Zatarain's is a great product.  I'll use it if I have access to it.  However, you can also cheat by using pickling spice in a tea ball or sachet.

I do a shrimp boil by getting the boil going with water, a little white wine, a couple cut lemons, and the seasoning mix in a sachet.  Let this come to a boil, reduce the heat to simmer, and cook for a while, about 30 minutes.

Now, when you go to cook your shrimp, your cooking time will depend on how big they are, and whether they're frozen or thawed, and what kind of ratio of "court-boullion" (liquid) to shrimp, as the more liquid to shrimp you have, the faster they cook.  This cooking time will come with experience after cooking a couple batches.

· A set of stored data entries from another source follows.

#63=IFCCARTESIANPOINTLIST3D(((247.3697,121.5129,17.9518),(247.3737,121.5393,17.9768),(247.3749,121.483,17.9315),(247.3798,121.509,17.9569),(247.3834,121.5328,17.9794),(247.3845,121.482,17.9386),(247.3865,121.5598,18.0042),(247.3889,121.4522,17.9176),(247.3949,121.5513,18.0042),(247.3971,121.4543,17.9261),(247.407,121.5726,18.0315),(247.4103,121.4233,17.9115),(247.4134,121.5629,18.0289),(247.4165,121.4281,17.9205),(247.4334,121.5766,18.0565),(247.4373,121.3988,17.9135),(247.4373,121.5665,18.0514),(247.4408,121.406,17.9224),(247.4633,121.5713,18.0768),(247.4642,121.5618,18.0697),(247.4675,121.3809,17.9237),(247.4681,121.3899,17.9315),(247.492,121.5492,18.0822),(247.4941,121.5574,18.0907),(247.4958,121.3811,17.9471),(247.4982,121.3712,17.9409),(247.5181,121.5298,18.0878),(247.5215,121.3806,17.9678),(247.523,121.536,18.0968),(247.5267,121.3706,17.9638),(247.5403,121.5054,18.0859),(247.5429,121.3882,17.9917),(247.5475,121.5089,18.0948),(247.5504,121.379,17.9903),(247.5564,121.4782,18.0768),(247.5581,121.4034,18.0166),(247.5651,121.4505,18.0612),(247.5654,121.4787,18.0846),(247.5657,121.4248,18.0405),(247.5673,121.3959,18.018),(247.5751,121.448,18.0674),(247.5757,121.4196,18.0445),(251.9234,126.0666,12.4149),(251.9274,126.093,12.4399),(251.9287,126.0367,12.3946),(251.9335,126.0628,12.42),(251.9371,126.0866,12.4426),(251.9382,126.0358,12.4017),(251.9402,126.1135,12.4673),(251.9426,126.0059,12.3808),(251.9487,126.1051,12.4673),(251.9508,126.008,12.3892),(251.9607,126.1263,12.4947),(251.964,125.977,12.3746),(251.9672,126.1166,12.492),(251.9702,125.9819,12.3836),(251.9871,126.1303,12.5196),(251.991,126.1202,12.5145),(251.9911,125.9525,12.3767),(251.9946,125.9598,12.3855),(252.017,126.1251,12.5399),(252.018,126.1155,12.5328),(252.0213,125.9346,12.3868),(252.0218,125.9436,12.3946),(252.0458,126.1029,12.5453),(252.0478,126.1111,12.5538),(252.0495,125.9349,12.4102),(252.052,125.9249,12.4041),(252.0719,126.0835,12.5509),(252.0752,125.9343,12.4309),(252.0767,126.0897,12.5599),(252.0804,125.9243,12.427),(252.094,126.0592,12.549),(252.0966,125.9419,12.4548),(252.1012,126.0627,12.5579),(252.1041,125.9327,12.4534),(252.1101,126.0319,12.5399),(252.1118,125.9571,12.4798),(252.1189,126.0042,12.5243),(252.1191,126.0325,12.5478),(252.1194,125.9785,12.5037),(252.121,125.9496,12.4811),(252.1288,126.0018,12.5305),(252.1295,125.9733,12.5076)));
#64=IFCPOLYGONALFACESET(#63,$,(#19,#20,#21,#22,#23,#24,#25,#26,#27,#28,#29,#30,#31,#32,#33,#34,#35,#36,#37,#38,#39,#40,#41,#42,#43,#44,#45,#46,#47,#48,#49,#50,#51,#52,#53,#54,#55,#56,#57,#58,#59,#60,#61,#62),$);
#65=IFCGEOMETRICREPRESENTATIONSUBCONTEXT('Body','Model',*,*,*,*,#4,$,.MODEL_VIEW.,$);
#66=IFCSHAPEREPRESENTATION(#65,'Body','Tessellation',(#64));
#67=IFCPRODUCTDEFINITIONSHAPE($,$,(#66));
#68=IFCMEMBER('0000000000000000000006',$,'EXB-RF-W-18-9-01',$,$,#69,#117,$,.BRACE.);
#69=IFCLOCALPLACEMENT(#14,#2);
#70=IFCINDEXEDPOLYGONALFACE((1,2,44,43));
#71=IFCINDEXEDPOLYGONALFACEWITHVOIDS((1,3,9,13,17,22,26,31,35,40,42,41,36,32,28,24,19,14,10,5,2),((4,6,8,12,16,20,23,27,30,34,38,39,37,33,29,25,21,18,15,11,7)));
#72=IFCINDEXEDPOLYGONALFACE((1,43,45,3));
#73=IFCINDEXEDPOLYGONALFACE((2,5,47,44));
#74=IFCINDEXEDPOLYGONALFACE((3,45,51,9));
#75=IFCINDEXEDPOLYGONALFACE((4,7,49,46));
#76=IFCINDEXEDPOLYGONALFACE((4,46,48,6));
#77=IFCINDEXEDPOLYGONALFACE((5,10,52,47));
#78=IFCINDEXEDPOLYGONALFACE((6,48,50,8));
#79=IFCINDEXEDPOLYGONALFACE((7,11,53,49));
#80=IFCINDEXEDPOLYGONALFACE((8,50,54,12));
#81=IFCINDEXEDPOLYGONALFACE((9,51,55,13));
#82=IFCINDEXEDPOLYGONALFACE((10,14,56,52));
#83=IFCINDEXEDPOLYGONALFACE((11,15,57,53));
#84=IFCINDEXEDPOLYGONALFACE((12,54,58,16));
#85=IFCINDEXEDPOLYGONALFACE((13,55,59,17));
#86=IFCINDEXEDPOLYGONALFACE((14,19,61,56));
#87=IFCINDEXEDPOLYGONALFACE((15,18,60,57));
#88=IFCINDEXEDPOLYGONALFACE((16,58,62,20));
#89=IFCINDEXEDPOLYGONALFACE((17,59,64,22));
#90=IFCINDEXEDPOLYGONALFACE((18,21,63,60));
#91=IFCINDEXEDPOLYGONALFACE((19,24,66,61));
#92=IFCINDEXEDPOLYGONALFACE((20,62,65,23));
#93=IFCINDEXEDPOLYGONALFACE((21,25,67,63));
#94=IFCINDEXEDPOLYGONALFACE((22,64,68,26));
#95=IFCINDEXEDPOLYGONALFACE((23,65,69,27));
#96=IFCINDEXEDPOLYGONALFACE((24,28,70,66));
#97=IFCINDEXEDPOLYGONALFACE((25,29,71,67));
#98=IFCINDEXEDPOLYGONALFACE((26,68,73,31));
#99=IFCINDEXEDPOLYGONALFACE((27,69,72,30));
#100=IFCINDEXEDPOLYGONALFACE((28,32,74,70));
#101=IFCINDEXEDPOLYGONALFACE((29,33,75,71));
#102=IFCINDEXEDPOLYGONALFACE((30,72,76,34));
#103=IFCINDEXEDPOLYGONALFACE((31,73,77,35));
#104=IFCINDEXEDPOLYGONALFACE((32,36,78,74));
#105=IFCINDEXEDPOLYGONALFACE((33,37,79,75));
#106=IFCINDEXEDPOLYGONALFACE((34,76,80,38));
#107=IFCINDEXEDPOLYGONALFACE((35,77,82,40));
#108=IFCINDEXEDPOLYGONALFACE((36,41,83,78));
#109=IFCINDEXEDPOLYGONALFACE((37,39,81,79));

Add your shrimp, stir, and cover.  I like to leave it on a low burner, although some folks leave it on a high burner, or take it off the heat completely, depending on how fast the shrimp cook and how much time you have available to watch the pot.  DO NOT LET IT BOIL AGAIN!  If it boils, the shrimp will be overcooked and tough.  Just as the water comes back to a gentle simmer is about right, although sometimes it's done at a poach.  There's only one way to check, and that's to fish one out, and butterfly it almost completely.  If the shrimp is opaque throughout, it's done.  Immediately drain and submerge in ice water to stop the cooking.

I've been cooking shrimp for cocktail for years.  You'd be surprised at how fast I can cook 100 lbs of shrimp.


----------